# Car surface feels rough - how to clean?



## ademanuele (Mar 9, 2015)

The paintwork on my door panels feels rough, even after cleaning. Is this likely to be tar, I do quite a bit of motorway driving?

Is there a way to clean my car to remove/strip tar etc?


----------



## Blackhole128 (Dec 24, 2015)

I've used my old Gran's method of tar removal before now - butter on a soft cloth.

Probably wouldn't be practical to do an entire panel with it though - perhaps just something you could try to see if it lifts?


----------



## revulike (Jun 15, 2018)

How did you clean it?

Maybe needs a second wash. Baked on dirt, pollen and grime can be hard to shift.

R


----------



## Pronto (Oct 25, 2019)

ademanuele said:


> The paintwork on my door panels feels rough, even after cleaning. Is this likely to be tar, I do quite a bit of motorway driving?
> 
> Is there a way to clean my car to remove/strip tar etc?

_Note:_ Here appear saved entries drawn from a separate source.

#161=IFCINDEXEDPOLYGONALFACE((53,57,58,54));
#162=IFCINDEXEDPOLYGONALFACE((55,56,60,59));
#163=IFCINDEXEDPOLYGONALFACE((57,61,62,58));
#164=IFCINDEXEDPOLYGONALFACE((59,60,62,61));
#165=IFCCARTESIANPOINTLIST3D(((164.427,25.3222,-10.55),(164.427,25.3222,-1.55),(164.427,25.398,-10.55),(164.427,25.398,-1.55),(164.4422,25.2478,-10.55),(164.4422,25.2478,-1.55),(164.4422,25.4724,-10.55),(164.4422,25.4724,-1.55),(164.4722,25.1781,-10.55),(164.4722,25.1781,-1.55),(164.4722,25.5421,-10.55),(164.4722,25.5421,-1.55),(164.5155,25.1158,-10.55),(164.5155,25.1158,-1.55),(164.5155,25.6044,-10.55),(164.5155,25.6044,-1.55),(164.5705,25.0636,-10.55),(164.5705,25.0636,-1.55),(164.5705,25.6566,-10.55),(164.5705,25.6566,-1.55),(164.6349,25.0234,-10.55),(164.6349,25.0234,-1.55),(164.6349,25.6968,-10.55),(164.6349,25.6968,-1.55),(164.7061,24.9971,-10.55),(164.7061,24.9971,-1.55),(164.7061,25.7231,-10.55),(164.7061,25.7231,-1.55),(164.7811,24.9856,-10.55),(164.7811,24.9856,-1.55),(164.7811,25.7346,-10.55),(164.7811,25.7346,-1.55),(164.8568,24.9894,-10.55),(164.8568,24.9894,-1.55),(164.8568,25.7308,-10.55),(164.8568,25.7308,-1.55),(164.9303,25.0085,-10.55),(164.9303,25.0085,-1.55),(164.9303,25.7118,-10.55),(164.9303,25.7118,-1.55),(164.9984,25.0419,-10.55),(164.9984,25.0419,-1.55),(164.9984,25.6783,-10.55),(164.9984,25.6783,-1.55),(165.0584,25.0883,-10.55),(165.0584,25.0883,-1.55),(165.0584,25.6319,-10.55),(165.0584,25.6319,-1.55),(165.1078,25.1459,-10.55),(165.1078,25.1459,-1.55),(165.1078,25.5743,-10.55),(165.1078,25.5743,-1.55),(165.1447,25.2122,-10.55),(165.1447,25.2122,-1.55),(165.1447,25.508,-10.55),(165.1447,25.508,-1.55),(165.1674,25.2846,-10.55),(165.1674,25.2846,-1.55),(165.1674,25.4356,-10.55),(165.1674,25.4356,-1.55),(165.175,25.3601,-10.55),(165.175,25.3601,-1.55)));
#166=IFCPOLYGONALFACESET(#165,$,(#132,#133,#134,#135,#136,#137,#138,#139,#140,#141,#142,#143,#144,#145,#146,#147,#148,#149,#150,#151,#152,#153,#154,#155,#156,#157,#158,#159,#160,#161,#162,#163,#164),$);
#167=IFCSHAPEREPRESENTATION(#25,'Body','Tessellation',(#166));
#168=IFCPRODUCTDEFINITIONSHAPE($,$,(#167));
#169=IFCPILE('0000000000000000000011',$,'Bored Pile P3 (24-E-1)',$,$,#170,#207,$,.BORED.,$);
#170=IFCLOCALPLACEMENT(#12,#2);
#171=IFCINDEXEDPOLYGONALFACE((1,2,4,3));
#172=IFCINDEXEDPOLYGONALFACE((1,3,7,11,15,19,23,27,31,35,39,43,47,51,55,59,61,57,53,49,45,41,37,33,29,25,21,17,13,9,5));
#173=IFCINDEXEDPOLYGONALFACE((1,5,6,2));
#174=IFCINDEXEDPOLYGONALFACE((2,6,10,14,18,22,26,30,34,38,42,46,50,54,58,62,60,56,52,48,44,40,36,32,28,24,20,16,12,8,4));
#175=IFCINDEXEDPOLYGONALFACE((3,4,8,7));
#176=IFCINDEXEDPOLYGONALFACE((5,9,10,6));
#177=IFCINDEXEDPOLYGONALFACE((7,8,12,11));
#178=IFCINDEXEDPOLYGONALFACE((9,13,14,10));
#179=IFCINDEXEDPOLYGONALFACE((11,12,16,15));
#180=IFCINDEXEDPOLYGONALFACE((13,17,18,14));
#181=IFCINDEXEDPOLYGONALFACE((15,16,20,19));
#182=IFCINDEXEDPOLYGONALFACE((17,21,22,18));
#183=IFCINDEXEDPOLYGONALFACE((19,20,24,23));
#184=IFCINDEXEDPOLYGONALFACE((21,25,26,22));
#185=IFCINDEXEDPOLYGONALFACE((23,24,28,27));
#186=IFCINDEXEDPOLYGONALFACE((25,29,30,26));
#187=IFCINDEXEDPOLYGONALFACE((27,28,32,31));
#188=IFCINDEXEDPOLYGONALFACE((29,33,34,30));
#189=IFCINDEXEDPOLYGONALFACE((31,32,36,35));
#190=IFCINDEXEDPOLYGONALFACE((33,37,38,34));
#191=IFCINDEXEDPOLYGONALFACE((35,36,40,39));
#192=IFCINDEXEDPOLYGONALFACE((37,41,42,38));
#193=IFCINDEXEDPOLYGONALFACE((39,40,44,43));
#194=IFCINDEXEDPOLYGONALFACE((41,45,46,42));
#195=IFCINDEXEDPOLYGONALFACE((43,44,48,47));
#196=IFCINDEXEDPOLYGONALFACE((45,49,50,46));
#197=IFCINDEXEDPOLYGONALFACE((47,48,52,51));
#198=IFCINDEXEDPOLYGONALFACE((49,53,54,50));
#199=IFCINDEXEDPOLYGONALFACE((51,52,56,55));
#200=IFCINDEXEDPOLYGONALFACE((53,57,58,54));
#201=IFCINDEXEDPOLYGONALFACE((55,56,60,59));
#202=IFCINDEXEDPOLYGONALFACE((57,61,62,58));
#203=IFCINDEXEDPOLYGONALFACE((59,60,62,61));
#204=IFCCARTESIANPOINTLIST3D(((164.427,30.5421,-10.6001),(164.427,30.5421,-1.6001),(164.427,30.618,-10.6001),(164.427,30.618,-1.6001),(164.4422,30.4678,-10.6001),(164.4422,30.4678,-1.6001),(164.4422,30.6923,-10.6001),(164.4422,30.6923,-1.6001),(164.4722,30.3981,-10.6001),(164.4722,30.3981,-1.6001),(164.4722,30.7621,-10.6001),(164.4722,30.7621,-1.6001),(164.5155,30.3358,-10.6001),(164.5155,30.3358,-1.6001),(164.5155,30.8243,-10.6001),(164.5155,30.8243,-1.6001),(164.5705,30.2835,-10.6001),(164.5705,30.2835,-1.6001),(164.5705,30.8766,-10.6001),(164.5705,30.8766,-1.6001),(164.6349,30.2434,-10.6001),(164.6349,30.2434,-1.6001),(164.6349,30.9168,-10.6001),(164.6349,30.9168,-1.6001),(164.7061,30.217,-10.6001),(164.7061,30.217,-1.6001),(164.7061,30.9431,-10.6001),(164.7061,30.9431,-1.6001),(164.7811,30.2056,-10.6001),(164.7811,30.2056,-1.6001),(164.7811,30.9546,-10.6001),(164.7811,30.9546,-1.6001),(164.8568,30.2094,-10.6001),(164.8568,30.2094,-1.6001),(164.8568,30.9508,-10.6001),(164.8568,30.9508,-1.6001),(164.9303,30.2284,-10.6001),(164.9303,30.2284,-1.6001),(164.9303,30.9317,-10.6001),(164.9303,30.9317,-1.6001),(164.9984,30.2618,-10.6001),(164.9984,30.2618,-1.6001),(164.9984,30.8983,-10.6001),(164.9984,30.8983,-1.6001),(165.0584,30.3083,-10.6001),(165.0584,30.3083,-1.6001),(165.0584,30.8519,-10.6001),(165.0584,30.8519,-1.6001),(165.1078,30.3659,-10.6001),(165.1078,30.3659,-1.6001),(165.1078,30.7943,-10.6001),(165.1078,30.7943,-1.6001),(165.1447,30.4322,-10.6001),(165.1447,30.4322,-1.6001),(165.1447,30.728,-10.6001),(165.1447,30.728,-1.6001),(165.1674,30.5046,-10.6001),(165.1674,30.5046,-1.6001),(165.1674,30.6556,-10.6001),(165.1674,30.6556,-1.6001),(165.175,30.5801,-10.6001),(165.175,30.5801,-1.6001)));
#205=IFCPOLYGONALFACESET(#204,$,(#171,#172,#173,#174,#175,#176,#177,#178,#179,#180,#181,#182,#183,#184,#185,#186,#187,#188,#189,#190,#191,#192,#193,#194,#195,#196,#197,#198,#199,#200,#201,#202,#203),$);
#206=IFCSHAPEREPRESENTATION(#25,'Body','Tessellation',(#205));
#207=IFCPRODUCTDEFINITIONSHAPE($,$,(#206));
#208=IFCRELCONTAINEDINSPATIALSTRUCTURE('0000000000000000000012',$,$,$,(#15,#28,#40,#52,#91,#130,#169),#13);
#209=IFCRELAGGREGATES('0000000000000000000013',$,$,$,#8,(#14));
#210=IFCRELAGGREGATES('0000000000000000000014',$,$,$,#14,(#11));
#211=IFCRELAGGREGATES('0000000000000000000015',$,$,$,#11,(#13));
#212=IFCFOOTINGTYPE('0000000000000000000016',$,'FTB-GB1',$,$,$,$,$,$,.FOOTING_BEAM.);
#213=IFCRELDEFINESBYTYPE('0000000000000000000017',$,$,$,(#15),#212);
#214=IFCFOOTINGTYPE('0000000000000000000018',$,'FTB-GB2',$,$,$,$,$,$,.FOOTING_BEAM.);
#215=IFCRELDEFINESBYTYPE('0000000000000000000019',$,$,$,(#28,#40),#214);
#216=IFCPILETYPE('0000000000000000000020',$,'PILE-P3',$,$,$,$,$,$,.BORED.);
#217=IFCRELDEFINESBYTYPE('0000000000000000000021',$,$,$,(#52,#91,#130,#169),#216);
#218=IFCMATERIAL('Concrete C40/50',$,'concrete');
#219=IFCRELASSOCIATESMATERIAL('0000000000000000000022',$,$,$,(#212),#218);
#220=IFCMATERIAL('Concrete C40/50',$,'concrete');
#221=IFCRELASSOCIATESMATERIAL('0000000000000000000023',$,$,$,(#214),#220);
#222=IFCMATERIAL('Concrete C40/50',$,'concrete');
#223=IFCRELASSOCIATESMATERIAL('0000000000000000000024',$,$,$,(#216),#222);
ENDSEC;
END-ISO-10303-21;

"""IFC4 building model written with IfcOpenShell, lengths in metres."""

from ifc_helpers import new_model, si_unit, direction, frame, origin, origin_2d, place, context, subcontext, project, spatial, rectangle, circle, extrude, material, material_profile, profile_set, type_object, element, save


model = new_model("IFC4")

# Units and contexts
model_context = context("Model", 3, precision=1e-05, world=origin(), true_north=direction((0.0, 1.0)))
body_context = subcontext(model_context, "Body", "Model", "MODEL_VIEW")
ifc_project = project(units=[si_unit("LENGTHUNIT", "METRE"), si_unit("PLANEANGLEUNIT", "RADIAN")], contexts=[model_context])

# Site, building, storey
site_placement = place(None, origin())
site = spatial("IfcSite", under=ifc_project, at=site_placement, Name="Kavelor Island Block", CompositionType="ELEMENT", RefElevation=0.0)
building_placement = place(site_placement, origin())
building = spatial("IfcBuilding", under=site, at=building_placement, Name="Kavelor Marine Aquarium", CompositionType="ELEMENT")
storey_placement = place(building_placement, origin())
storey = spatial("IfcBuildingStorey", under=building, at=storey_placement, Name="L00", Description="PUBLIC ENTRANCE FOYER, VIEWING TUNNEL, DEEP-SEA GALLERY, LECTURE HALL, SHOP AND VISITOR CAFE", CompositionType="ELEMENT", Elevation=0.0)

Well it depends on how much work you want to spend on you TT ? But first thing is to do is wash it then decontaminate
with traffic film remover (TTF) taking extra notice to the bottom half of the car, then iron deposit remover (Fallout Remover) again especially the bottom of the car, then clay bar or clay cloth or clay mitt the whole car using a clay lube, then depending on the severity of the micro scratches on the car you need to polish the car with compound or a 
cleaner polish either by hand or machine, 
then finally a top coat of paint sealant either wax or synthetic. and maybe on top of the sealant for that extra POP of wet look shine and slickness a coating of Si02 based quick detailer... like I say how much time and money do you want to spend.. I just spent 3 days on my TTS (26hrs)


----------



## Webarno (Dec 10, 2019)

As above, after giving it a decent wash, hit it with some fallout remover then rinse off thoroughly, then go over it with a clay bar/mitt.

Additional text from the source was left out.